Referring to previous reports (Galindo 1994; Garcia-Ochoa et al. 2000; Amanullah et al. 2004), the aspects of reaction engineering analysis important for the highly viscous EPS production are flow non-ideality (affecting substrate homogenization and supply rate) and oxygen mass transfer. These issues were studied in relation to the bioreaction evolution.

Materials and methods

Experimental vessel set-up

A scale-down version of the reactor is visualized in Figs. 2 and 3. A 5-l stirred vessel with diameter T = 0.157 m in dual-impeller configuration with impeller diameter D = 0.064 m (Sartorius Biostat Aplus) was employed. The fluid volume was V = 4.5 l. A conventional six flat-blade turbine was the principal impeller. Air was fed through a ring sparger at rate 1 v/v/m. Oxygen and pH probes (Hamilton, Bonaduz AG, Swiss made) were immersed in the liquid. All operational parameters were monitored continuously on-line (BioPAT®MFCS/DA3.0).

Strain and culture media

Microorganism

The yeast strain S. salmonicolor AL1 was isolated from soil in the region of the Bulgarian base on Livingston Island, Antarctica. It has been identified and registered in the National Bank for Industrial Microorganism and Cell Culture, Bulgaria, entry N 8290.

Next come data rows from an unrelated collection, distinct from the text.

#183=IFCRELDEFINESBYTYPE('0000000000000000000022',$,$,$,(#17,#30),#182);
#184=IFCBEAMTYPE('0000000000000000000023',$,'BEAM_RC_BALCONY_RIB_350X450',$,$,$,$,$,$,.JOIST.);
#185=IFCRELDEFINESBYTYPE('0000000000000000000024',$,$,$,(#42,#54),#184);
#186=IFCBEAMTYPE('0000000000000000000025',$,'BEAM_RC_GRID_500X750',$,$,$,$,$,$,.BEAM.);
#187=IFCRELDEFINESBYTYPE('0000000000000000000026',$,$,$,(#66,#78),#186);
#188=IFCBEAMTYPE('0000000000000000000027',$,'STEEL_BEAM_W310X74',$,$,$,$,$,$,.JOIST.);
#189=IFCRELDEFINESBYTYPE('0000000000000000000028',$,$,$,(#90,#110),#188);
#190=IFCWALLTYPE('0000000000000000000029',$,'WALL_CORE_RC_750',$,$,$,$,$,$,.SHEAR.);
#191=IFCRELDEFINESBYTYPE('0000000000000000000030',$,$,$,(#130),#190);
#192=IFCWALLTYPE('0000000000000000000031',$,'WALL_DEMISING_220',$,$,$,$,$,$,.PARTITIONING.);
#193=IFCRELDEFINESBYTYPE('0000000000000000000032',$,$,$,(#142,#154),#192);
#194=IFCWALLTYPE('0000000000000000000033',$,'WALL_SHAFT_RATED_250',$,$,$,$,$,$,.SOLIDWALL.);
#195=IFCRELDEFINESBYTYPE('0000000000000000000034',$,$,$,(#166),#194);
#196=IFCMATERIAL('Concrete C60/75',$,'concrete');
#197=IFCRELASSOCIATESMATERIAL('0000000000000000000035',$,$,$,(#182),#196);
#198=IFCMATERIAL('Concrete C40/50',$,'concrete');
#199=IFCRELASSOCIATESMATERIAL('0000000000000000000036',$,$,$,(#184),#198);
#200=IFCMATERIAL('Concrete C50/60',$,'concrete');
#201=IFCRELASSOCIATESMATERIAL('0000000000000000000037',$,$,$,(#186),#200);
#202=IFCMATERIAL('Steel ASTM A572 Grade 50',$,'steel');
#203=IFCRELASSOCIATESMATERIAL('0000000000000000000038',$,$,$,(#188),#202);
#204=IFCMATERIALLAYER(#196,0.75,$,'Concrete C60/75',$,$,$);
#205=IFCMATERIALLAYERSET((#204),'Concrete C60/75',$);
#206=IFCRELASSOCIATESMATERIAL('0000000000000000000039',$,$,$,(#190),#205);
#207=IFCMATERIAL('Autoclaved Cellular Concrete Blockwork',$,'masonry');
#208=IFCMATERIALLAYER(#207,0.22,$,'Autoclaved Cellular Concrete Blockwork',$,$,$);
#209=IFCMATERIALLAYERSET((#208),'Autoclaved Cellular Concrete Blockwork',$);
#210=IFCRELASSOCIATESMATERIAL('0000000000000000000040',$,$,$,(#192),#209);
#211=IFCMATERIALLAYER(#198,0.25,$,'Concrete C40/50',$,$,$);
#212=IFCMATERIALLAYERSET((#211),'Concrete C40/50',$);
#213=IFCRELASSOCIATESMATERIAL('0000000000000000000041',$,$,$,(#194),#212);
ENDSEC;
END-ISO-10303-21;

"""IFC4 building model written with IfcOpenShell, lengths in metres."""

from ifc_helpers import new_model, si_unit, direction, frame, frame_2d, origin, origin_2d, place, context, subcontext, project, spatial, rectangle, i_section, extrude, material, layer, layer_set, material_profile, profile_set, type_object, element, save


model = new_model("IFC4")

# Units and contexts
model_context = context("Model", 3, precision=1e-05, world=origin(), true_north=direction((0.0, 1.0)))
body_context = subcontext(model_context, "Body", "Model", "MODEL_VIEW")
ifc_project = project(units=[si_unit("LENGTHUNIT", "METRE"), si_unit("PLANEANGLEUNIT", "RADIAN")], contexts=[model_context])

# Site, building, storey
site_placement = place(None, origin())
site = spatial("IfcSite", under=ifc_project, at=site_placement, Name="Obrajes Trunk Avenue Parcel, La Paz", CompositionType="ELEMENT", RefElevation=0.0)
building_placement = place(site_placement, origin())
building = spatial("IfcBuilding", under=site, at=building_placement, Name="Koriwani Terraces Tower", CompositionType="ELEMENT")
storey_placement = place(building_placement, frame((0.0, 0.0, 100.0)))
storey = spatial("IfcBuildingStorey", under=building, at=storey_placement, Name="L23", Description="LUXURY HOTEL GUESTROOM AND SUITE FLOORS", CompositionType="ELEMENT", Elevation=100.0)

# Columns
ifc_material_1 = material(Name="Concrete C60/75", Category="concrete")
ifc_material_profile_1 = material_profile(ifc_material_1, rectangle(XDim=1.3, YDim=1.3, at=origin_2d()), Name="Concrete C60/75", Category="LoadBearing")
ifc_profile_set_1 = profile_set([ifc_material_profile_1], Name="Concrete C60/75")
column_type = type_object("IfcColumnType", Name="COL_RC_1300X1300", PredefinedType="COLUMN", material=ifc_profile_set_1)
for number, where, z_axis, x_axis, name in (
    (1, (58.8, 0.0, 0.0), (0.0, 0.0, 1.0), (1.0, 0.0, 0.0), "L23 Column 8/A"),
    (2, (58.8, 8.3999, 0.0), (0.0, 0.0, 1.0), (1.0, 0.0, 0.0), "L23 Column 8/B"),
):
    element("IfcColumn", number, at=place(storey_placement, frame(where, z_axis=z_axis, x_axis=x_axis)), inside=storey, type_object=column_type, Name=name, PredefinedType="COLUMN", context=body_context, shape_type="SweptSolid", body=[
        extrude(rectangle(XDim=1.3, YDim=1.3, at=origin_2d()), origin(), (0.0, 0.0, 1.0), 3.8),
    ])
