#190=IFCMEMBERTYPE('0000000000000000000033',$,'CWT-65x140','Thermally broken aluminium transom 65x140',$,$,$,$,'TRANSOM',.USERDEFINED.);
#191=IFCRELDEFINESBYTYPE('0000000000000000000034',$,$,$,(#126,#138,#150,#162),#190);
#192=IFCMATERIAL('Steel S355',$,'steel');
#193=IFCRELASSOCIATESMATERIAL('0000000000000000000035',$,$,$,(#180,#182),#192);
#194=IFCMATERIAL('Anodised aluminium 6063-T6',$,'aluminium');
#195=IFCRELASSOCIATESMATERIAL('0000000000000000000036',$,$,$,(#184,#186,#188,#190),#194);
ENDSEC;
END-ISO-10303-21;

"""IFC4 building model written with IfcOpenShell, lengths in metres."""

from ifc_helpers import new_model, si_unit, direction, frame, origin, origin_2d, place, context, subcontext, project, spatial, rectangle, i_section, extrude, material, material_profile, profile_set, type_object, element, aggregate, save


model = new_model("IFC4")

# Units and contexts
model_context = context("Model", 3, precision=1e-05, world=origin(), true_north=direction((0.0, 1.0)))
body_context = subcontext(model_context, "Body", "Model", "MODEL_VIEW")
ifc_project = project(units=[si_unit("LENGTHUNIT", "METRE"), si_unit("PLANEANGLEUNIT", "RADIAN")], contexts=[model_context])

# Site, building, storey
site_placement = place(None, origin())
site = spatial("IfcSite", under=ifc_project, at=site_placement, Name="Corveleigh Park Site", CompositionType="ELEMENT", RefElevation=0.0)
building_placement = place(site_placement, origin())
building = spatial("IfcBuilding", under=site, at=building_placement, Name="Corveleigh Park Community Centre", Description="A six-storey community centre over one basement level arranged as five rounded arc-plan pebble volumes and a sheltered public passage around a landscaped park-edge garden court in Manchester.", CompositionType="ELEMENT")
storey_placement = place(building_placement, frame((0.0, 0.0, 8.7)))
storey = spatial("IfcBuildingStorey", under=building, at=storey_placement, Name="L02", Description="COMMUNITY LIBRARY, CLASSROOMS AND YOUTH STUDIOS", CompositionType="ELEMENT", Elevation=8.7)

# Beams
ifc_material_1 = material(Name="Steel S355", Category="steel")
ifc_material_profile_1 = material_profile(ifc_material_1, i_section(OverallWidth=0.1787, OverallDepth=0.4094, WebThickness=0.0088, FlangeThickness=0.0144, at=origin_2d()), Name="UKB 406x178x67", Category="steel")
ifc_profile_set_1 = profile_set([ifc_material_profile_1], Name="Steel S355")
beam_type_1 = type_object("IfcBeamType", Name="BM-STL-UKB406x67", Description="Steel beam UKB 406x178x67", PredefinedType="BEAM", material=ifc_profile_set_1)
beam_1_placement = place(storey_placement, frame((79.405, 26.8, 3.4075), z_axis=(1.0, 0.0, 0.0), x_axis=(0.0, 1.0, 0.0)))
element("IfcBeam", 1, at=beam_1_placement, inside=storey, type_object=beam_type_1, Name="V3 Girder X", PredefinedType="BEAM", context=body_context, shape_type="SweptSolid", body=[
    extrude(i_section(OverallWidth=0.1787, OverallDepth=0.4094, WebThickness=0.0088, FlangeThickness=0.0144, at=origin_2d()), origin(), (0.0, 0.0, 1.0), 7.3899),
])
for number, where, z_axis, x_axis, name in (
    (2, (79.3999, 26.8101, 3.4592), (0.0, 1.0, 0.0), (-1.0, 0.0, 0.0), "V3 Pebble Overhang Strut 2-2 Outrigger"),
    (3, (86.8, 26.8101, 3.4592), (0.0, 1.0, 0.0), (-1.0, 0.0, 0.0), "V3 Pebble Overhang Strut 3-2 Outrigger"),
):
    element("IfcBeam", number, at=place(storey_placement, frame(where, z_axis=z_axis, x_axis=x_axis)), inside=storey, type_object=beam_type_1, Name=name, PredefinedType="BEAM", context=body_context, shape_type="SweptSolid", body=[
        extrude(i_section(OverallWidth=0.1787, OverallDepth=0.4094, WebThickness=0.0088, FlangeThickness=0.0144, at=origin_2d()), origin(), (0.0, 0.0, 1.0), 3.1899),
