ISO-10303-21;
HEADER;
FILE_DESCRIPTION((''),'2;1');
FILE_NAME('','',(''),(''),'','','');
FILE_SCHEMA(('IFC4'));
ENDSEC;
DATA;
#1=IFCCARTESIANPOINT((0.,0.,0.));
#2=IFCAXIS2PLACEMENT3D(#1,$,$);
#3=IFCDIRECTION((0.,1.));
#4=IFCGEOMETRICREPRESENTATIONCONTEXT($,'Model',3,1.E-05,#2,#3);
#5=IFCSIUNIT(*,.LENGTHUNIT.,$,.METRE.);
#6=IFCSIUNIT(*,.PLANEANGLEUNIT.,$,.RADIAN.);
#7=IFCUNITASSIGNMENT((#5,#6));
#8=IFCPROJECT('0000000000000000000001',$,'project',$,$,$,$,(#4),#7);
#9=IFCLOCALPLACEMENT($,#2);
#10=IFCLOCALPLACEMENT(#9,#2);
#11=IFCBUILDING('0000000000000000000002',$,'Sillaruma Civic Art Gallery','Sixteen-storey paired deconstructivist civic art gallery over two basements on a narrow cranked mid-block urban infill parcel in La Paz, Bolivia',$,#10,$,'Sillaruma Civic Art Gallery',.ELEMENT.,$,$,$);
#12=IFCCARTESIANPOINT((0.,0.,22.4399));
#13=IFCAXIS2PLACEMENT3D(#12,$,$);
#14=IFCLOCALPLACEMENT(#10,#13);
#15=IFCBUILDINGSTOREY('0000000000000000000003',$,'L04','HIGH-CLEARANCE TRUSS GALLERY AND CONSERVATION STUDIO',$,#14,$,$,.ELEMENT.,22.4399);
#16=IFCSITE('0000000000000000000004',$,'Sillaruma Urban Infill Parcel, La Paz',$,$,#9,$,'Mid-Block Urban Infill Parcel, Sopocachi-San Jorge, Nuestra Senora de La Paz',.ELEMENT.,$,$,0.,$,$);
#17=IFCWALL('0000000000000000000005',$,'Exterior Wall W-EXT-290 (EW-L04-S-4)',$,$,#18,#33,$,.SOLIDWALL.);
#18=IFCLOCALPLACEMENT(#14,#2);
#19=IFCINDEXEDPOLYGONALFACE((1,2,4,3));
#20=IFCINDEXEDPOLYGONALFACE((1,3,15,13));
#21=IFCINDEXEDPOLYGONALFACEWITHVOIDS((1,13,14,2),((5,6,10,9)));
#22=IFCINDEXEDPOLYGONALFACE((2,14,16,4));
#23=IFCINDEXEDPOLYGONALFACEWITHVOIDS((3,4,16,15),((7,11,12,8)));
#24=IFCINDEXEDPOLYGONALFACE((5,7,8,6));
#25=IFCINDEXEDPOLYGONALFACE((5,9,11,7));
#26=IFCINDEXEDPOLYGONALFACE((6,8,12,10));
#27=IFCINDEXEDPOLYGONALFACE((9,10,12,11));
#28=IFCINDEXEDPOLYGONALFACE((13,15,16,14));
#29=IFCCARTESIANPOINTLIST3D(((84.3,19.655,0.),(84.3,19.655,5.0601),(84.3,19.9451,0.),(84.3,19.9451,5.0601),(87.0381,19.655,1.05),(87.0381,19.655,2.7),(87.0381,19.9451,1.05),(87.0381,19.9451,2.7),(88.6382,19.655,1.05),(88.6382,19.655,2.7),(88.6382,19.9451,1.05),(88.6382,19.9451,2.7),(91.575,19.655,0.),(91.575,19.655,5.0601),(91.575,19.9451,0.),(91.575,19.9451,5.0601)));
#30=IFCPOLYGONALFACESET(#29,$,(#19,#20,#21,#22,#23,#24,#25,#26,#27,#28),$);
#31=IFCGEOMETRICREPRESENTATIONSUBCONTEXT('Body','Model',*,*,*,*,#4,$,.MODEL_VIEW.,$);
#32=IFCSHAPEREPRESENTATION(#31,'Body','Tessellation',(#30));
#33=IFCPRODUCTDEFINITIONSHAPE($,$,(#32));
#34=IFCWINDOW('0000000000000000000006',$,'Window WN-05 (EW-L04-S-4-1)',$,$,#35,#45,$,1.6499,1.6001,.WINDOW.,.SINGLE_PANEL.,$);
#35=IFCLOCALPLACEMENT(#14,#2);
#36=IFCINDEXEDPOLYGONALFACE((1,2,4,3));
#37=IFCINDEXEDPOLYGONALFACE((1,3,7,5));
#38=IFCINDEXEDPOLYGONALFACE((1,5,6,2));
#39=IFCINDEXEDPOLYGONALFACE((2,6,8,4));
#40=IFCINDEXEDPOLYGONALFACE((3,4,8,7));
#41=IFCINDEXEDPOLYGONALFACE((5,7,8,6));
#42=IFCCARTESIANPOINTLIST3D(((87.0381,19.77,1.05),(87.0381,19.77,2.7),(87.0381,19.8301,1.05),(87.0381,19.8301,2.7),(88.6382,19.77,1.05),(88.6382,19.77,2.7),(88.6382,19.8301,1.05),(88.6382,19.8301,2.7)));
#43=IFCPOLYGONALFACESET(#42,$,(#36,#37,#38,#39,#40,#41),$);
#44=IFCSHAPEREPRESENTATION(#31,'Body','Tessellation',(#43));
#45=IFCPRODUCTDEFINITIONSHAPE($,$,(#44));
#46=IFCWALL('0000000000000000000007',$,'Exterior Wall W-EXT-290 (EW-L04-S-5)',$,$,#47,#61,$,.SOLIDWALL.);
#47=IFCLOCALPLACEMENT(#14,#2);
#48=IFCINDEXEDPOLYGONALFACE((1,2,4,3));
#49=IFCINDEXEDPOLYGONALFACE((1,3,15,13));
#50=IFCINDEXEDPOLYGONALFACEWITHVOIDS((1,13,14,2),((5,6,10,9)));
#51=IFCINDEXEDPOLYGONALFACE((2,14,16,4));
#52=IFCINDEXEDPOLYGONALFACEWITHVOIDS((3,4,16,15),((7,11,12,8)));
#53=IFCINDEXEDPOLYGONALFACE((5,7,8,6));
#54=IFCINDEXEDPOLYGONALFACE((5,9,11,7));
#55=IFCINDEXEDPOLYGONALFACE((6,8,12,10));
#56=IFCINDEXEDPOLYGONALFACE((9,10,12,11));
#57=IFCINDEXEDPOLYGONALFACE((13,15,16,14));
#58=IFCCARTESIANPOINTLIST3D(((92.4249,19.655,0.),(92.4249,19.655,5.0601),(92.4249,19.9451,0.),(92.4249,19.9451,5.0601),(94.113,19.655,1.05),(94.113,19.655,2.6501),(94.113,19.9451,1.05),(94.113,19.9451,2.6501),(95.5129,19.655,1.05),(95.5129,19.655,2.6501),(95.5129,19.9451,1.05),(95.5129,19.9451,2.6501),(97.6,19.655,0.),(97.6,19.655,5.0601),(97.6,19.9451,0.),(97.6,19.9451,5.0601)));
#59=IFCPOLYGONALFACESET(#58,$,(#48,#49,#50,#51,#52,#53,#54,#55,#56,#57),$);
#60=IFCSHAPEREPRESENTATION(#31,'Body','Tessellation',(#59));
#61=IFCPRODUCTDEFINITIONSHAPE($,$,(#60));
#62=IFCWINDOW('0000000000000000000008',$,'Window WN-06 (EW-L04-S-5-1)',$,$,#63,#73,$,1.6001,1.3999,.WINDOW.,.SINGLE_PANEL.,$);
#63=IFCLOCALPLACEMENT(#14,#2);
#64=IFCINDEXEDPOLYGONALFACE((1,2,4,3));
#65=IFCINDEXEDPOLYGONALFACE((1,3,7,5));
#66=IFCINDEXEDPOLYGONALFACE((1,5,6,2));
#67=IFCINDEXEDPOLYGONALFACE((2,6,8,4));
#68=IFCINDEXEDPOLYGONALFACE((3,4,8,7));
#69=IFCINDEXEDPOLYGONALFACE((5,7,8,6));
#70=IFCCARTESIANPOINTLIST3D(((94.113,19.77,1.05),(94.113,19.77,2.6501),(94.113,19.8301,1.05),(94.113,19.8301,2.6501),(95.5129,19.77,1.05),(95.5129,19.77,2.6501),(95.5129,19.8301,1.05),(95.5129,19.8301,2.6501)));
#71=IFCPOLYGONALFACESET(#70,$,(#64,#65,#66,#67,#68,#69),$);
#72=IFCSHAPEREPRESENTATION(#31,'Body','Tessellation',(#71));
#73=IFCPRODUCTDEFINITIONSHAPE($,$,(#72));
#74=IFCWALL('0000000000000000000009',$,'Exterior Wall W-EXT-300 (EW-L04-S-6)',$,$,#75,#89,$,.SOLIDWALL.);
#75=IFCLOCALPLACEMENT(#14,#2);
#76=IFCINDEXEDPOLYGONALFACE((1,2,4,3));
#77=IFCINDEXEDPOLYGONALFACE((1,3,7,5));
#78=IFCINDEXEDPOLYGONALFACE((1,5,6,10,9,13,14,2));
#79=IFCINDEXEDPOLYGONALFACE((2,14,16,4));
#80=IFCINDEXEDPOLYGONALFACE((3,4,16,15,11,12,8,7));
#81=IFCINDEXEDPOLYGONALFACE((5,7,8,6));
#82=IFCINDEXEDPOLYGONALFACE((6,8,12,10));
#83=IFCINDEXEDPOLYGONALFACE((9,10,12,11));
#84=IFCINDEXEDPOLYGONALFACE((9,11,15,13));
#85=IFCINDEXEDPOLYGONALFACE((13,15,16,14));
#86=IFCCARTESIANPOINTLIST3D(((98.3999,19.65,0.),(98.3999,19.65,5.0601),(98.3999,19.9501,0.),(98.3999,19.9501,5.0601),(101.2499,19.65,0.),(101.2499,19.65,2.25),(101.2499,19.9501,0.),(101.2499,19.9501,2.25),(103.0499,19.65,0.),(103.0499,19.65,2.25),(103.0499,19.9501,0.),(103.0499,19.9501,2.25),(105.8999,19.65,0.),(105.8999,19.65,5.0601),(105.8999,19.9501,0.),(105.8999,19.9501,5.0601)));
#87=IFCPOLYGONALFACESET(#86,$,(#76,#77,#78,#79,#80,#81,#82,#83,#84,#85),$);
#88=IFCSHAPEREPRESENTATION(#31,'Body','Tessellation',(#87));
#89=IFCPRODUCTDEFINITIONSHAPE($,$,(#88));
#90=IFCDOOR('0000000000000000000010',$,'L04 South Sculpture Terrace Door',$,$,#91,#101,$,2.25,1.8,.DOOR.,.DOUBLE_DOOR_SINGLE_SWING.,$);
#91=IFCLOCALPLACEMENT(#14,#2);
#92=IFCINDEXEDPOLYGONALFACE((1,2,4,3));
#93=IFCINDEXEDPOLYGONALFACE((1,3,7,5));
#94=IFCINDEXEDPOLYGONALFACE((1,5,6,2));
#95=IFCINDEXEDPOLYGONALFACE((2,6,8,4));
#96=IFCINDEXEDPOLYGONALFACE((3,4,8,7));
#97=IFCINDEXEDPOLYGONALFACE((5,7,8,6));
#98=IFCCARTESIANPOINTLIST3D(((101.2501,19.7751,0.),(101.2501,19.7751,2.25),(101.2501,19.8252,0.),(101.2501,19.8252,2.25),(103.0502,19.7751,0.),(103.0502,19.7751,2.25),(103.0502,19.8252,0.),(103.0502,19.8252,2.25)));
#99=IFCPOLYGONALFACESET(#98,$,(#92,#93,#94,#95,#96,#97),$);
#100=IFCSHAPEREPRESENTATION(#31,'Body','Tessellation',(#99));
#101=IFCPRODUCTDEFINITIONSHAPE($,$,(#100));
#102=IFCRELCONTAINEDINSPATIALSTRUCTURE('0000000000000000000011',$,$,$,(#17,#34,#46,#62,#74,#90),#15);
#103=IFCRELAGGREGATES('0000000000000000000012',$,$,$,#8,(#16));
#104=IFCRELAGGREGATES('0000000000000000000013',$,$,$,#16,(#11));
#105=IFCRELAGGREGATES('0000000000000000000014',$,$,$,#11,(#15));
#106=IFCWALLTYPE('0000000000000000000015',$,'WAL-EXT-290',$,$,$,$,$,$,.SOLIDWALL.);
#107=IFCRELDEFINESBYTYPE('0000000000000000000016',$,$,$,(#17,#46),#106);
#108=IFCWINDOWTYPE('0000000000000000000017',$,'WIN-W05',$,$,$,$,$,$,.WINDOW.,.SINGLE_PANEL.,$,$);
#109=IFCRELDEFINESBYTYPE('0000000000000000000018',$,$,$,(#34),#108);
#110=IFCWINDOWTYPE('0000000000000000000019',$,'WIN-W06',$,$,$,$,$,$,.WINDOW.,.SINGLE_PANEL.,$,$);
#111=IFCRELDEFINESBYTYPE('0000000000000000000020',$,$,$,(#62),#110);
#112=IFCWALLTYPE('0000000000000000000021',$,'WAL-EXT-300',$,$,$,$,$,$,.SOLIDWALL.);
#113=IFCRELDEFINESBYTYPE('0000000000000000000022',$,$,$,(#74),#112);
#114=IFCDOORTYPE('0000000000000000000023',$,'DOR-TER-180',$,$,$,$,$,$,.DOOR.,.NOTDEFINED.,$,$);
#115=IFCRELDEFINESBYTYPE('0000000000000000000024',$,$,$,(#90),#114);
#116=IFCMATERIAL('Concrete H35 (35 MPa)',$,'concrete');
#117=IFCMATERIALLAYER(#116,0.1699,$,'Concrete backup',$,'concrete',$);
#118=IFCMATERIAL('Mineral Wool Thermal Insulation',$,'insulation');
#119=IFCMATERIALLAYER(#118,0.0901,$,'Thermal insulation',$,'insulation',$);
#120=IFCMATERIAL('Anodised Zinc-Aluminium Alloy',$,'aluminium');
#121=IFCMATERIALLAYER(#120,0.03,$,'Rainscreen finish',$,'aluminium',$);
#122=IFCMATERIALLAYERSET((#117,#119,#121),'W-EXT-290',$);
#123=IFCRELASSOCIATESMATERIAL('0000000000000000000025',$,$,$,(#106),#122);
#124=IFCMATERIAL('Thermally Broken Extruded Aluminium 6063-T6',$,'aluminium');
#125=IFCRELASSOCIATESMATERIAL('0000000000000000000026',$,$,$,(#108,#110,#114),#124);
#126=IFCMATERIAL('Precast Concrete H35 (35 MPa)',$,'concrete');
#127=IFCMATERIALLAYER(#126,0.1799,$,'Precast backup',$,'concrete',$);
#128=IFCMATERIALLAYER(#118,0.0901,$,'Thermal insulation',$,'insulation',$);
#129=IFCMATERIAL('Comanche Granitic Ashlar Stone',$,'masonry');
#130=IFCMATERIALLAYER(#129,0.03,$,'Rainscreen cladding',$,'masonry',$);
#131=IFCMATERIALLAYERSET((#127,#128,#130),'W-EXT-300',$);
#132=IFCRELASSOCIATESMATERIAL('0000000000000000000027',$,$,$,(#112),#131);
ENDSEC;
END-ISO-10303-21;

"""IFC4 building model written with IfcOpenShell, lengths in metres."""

from ifc_helpers import new_model, si_unit, direction, frame, frame_2d, origin, place, context, subcontext, project, spatial, rectangle, extrude, material, layer, layer_set, type_object, element, fill, save


model = new_model("IFC4")

# Units and contexts
model_context = context("Model", 3, precision=1e-05, world=origin(), true_north=direction((0.0, 1.0)))
body_context = subcontext(model_context, "Body", "Model", "MODEL_VIEW")
ifc_project = project(units=[si_unit("LENGTHUNIT", "METRE"), si_unit("PLANEANGLEUNIT", "RADIAN")], contexts=[model_context])

# Site, building, storey
site_placement = place(None, origin())
site = spatial("IfcSite", under=ifc_project, at=site_placement, Name="Sillaruma Urban Infill Parcel, La Paz", LongName="Mid-Block Urban Infill Parcel, Sopocachi-San Jorge, Nuestra Senora de La Paz", CompositionType="ELEMENT", RefElevation=0.0)
building_placement = place(site_placement, origin())
building = spatial("IfcBuilding", under=site, at=building_placement, Name="Sillaruma Civic Art Gallery", Description="Sixteen-storey paired deconstructivist civic art gallery over two basements on a narrow cranked mid-block urban infill parcel in La Paz, Bolivia", LongName="Sillaruma Civic Art Gallery", CompositionType="ELEMENT")
storey_placement = place(building_placement, frame((0.0, 0.0, 22.4399)))
storey = spatial("IfcBuildingStorey", under=building, at=storey_placement, Name="L04", Description="HIGH-CLEARANCE TRUSS GALLERY AND CONSERVATION STUDIO", CompositionType="ELEMENT", Elevation=22.4399)

# Shared definitions
ifc_material_1 = material(Name="Concrete H35 (35 MPa)", Category="concrete")

# Walls, openings, windows
ifc_layer_1 = layer(ifc_material_1, 0.1699, Name="Concrete backup", Category="concrete")
ifc_material_2 = material(Name="Mineral Wool Thermal Insulation", Category="insulation")
ifc_layer_2 = layer(ifc_material_2, 0.0901, Name="Thermal insulation", Category="insulation")
ifc_material_3 = material(Name="Anodised Zinc-Aluminium Alloy", Category="aluminium")
ifc_layer_3 = layer(ifc_material_3, 0.03, Name="Rainscreen finish", Category="aluminium")
ifc_layer_set_1 = layer_set([ifc_layer_1, ifc_layer_2, ifc_layer_3], Name="W-EXT-290")
wall_type_1 = type_object("IfcWallType", Name="WAL-EXT-290", PredefinedType="SOLIDWALL", material=ifc_layer_set_1)
wall_1_placement = place(storey_placement, frame((84.3, 19.8, 0.0), z_axis=(0.0, 0.0, 1.0), x_axis=(1.0, 0.0, 0.0)))
wall_1 = element("IfcWall", 1, at=wall_1_placement, inside=storey, type_object=wall_type_1, Name="Exterior Wall W-EXT-290 (EW-L04-S-4)", PredefinedType="SOLIDWALL", context=body_context, shape_type="SweptSolid", body=[
    extrude(rectangle(XDim=7.2749, YDim=0.29, at=frame_2d((3.6375, 0.0))), origin(), (0.0, 0.0, 1.0), 5.0601),
])
opening_1_placement = place(wall_1_placement, frame((2.738, 0.0, 1.05)))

Media and growth conditions

The fermentation medium contained (g/l): sucrose, 50; (NH4)2SO4, 2.5; KH2PO4, 1.0; MgSO4.7H2O, 0.5; NaCl, 0.01 %; CaCl2.2H2O, 0.01; and yeast extract, 1.0. The inoculum (10 % w/v) was obtained in 500 ml flasks containing 50 ml of Sabouraud medium (Merck, Germany). Previous morphological–physiological identification of the microorganism proved maximum cell growth at temperature limit 25 °C; high production of biologically active substances was obtained at 22 °C and pH 5.3. Batch fermentation for 96 h at 22 °C and initial pH 5.3 was carried out in this study.

Analytical techniques

The biomass and the amount of yeast polysaccharide were determined by dry-weight measurements. The residual sugar concentration was measured by the Megazyme method, K-SUFRG 12/05 (Megazyme 2005).

Characterization of bioreactor performance

The flow-mixing regime and the oxygen mass transfer rates were studied. Computational fluid dynamics (CFD) simulation and unsteady measurement of oxygen uptake rate (OUR), oxygen transfer rate (OTR), and gas–liquid mass transfer coefficient (K L a) were performed. In order to become amenable for scaling-up, these parameters were correlated with the stirred vessel specific input power P/V. The power, P was determined by reference to the power number for the conventional six flat-blade impeller employed (Amanullah et al. 2004) at fluid density 1,018 kg/m3.

Fluid flow field analysis

The rheology of the culture broth was measured. A coaxial cylinder rotational viscometer Rheotest 2 (Germany) was used. Measurements were carried out at 22 °C by using measuring cylinders intended for shear rates \( 1.5\leq \mathop{\gamma}\limits^{.}\leq 1312\,{s^{-1 }} \). Regression analysis of the experimental data was performed via the least squares method using a RHEOTEST PC program and power law approximation.

Flow non-ideality was studied. Computational simulation and visualization using Navier–Stokes models and CFD technique (Ranade 2003) were employed. The computational grids (∼5.105 cells) and the governing mass and momentum conservation equations were resolved by commercial codes (ANSYS FLUENT Release 13.0, ANSYS, Inc., 2010). The multiple reference frame approach was used for the rotating parts, and the mixture two-phase model was used in the flow simulations. The gas-phase not exceeding 8 %, a quasi-homogeneous fluid was assumed enough to show in-homogeneities in the batch. Model validity was checked at similar power law conditions (Vlaev et al. 2006). The spatial distribution of flow variables was determined.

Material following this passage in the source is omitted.